Case Study Abstracts

Case Study 1

Stranded: Avoiding the perils of unknown environments through the synthesis of energy, soil, and adversary localization maps

Contributors:  
Faculty: Kira Barton, Dimitra Panagou (University of Michigan)
Ardalan Vahidi (Clemson University)
Lauro Ojeda (University of Michigan)
Student: Michael Quann (University of Michigan)
Government: Denise Rizzo, William Smith (U.S. Army TARDEC)
Industry: Frank Koss, Andrew Dallas (SoarTech)

        This case study brings together three ARC projects to investigate how enhanced situational awareness will improve 3D energy mapping in off-road environments. An important aspect in off-road energy mapping is the synthesis of a priori topography information combined with real-time dynamic updates. To address this need, this case study combines an energy-mapping framework with (1) the utilization of static soil and elevation maps to provide a priori information that will enable prioritization of initial areas of interest within the environment based on uncertainties associated with the energy costs of a given location; and (2) dynamic updates from aerial maps that will provide near real-time information about the terrain (wet, dry) and identify “go / no-go” locations in the environment based on adversarial elements. Thus, the soil, terrain, and aerial maps are integrated into the energy-mapping framework for enhanced decision-making. The addition of these maps is expected to improve the reachability analysis and energy mapping efficiency of multi-robot reconnaissance in an unknown environment through the identification of go / no-go locations and targeted areas of interest. A simulation study is used to evaluate the effectiveness of the combined mapping approach.

Case Study 2

I Want It All: Achieving High Fidelity and Optimal Computational Complexity in Physics-Based Off-Road Mobility Simulations

Contributors:  
Faculty: Hiroyuki Sugiyama (University of Iowa)
Shravan Veerapaneni (University of Michigan)
Hiroki Yamashita (University of Iowa)
Post-doc.: Eduardo Corona (University of Michigan)
Student: Guanchu Chen (University of Iowa)
Government: Paramsothy Jayakumar, Yeefeng Ruan (U.S. Army TARDEC)
Kenneth Leiter (U.S. Army Research Laboratory)
Industry: Mustafa Alsaleh (Caterpillar Inc.)

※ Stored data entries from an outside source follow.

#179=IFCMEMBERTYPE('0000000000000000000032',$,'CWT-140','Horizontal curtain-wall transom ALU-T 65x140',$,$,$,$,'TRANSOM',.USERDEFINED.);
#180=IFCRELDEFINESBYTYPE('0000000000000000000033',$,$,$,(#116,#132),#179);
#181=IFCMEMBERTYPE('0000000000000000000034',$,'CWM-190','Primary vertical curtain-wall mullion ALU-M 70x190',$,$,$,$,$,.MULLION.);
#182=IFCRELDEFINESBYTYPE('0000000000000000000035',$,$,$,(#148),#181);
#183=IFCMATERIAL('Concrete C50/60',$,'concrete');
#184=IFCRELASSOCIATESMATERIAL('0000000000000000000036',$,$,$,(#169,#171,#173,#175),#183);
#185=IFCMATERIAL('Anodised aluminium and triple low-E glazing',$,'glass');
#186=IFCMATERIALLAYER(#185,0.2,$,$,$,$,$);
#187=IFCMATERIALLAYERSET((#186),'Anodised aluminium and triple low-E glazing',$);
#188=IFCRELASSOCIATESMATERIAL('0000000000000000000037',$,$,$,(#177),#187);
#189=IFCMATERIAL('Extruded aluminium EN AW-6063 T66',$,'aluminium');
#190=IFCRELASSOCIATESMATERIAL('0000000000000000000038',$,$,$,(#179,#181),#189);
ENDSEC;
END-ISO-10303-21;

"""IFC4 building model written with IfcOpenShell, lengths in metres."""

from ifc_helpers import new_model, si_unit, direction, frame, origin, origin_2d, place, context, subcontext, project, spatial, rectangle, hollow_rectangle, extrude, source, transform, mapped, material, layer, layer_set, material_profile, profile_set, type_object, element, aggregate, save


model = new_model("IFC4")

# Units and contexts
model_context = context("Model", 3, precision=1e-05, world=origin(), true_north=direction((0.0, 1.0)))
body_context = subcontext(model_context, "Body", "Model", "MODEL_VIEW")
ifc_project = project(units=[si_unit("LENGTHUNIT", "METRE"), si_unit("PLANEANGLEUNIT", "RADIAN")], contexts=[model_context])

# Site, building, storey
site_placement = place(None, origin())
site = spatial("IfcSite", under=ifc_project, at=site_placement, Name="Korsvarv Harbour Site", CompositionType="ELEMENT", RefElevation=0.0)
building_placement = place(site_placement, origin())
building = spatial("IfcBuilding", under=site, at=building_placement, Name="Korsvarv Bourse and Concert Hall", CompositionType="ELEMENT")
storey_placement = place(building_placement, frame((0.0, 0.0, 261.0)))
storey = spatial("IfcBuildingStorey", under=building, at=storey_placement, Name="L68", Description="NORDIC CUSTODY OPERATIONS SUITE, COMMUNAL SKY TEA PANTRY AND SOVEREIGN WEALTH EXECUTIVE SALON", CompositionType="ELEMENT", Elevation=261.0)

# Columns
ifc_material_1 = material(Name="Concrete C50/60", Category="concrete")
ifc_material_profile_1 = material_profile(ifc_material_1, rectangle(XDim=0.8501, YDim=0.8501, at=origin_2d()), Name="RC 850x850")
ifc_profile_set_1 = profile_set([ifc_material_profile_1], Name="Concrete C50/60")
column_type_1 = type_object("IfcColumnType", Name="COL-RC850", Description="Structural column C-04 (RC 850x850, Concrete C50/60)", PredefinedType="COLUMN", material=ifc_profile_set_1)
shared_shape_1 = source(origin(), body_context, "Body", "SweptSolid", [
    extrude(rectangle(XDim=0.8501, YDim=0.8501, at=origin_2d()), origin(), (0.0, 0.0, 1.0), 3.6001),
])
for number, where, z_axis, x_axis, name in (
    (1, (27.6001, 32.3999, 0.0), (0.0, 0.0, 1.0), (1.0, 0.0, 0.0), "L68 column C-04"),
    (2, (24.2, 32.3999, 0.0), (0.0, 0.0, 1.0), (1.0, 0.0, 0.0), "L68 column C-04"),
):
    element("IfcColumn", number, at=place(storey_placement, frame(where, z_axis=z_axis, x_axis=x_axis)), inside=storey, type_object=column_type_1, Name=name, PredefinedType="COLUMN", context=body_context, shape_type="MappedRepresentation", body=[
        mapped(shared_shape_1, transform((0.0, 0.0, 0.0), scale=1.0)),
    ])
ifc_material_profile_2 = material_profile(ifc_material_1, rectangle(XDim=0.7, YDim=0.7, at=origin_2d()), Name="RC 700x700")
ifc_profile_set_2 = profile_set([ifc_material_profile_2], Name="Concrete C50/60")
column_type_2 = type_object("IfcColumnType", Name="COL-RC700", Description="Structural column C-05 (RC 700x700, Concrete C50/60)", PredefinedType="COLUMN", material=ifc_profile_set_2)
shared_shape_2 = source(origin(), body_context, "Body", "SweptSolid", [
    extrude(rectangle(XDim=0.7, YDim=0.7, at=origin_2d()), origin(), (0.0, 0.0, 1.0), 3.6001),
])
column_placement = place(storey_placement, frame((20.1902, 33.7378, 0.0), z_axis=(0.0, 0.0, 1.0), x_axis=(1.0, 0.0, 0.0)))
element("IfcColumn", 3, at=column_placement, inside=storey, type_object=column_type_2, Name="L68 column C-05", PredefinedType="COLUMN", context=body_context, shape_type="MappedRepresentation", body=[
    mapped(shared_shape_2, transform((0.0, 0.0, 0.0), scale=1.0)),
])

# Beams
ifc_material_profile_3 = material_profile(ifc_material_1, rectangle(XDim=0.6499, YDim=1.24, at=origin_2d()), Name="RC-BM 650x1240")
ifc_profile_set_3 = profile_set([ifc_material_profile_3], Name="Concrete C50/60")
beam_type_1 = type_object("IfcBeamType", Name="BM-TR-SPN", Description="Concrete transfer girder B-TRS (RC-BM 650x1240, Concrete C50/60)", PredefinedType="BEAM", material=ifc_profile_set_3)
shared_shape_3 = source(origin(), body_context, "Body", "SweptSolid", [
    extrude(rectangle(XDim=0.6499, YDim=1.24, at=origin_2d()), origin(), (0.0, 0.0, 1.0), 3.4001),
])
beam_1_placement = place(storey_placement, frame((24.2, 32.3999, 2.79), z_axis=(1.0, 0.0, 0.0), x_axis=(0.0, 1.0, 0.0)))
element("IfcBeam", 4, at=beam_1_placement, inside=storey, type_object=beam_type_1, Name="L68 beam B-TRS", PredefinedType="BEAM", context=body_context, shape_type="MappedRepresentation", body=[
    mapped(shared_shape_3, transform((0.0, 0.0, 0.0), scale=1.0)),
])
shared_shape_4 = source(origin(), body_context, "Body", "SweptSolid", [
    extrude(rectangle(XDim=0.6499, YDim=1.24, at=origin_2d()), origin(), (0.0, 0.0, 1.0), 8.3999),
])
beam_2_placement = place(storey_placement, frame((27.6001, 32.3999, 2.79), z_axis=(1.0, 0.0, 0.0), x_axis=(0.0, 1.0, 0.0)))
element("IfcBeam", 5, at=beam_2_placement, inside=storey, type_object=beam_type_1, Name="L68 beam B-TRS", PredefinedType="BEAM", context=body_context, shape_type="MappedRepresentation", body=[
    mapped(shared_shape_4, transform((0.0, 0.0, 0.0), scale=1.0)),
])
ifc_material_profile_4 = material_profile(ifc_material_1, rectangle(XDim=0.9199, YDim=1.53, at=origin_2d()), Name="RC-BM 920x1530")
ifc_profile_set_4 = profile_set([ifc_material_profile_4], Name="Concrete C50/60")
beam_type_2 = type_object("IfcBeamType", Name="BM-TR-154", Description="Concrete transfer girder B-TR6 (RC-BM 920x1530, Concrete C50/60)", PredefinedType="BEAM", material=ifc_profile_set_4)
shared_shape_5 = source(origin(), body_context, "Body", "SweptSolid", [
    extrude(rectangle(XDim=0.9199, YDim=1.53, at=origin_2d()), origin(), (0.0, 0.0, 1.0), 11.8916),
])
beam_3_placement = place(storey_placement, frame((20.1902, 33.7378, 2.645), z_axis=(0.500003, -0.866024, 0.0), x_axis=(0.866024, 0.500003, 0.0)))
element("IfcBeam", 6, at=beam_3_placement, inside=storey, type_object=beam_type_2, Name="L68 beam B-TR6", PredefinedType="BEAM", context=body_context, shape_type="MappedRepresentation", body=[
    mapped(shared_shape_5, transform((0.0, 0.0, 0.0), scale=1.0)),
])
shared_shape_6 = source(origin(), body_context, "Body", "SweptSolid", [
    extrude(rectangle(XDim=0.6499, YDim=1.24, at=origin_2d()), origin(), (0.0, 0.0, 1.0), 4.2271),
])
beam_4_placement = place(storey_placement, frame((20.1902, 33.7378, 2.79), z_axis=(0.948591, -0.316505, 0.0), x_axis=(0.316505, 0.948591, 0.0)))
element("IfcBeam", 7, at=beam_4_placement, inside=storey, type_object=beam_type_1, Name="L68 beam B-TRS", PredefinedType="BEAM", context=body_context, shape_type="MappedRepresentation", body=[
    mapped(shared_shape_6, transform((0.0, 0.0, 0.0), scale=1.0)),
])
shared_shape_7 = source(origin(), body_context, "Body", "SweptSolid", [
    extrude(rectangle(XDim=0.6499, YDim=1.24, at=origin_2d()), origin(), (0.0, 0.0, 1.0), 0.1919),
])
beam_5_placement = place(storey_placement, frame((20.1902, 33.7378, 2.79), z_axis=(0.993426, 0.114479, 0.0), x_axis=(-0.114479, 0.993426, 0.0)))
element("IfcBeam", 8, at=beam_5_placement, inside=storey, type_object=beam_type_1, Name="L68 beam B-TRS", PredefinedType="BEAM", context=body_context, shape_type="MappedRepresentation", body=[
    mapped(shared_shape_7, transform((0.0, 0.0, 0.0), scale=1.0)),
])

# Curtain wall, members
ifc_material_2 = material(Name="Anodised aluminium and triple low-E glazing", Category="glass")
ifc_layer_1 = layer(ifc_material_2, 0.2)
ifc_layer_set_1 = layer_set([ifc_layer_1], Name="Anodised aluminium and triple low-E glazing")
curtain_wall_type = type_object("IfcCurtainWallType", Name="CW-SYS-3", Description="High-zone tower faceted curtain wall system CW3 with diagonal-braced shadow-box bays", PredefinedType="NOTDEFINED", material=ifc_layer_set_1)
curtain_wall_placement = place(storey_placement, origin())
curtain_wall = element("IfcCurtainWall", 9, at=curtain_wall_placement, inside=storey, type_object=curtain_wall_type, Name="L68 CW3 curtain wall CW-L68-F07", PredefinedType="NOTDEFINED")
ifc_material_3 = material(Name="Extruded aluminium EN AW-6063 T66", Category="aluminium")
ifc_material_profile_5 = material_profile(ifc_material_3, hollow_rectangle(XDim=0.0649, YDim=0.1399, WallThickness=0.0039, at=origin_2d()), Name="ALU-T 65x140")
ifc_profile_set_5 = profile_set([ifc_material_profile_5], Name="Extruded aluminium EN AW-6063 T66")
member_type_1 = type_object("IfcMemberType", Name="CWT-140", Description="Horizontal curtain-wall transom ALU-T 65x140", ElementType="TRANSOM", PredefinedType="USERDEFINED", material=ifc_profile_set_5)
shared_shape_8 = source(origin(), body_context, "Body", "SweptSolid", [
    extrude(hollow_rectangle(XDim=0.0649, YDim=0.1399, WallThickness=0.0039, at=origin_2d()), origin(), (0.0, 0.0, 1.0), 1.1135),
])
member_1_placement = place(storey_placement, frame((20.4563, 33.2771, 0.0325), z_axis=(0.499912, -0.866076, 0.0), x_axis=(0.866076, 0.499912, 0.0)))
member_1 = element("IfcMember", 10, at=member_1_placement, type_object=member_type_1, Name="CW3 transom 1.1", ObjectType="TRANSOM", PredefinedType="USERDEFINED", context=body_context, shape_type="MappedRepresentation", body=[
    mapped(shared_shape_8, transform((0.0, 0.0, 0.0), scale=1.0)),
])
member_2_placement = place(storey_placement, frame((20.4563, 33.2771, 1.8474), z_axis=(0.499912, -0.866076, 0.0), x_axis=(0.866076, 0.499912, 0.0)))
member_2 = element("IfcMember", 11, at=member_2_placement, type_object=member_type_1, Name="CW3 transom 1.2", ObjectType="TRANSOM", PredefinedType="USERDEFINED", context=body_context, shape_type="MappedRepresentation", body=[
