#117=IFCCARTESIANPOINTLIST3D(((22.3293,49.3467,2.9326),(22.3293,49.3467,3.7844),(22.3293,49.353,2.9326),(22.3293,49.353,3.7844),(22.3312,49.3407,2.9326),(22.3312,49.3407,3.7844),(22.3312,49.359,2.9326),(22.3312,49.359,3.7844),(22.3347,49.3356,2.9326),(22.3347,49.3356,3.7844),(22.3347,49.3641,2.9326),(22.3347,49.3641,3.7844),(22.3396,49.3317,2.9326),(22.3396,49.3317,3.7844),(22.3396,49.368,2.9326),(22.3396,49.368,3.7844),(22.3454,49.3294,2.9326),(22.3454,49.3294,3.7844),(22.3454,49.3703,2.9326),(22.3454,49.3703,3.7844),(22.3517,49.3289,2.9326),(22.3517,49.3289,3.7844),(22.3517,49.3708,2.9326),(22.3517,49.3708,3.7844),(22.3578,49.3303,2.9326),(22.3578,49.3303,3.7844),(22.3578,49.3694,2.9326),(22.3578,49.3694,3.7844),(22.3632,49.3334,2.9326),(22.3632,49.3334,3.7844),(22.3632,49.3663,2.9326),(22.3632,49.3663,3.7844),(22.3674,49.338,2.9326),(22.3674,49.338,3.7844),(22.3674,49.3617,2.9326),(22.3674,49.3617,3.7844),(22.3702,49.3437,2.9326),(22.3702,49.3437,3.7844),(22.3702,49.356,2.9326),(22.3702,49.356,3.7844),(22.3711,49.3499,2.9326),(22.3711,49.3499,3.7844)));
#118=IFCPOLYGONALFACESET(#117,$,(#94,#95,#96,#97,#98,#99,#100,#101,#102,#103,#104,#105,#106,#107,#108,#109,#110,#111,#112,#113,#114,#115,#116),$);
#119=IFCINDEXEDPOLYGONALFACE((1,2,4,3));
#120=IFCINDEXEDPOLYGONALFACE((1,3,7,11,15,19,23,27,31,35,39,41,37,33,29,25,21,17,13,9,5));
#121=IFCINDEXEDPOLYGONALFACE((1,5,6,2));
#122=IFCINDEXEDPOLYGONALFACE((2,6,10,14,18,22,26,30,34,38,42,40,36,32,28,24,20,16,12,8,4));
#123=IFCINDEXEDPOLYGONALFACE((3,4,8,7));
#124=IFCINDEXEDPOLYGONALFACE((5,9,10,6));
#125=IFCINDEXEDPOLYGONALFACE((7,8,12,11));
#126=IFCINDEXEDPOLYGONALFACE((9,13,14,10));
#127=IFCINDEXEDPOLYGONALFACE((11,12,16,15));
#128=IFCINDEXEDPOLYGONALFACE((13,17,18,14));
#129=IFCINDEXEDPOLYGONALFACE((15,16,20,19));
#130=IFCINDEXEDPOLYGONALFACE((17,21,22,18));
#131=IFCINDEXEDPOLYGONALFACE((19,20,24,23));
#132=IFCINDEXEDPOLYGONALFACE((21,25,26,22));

        A high-fidelity computational vehicle-terrain interaction model is essential for physics-based off-road mobility simulations in achieving accurate mobility performance prediction as well as reliable operational planning. This case study brings together two projects to address accuracy and computational efficiency of physics-based vehicle-terrain interaction simulation capabilities, which can be fully integrated into general multibody dynamics (MBD) simulation algorithms. For this purpose, a hierarchical multiscale terrain dynamics model is developed to eliminate phenomenological assumptions in existing constitutive models and is further extended to tire-soil interaction simulation. The finite-element (FE) model is utilized to predict macroscale soil deformation, while the microscale constitutive behavior is modeled by the representative volume element (RVE) using the discrete-element (DE) approach to describe complex soil failure phenomenon including strain localization. Validation and comparison with single-scale FE and DE approaches are presented. Furthermore, to improve computational efficiency of different components of the coupled MBD-FE-DE vehicle-terrain interaction simulation capability, fast solvers based on hierarchical low-rank factorizations are applied and the ensuing speedups are demonstrated on several test cases.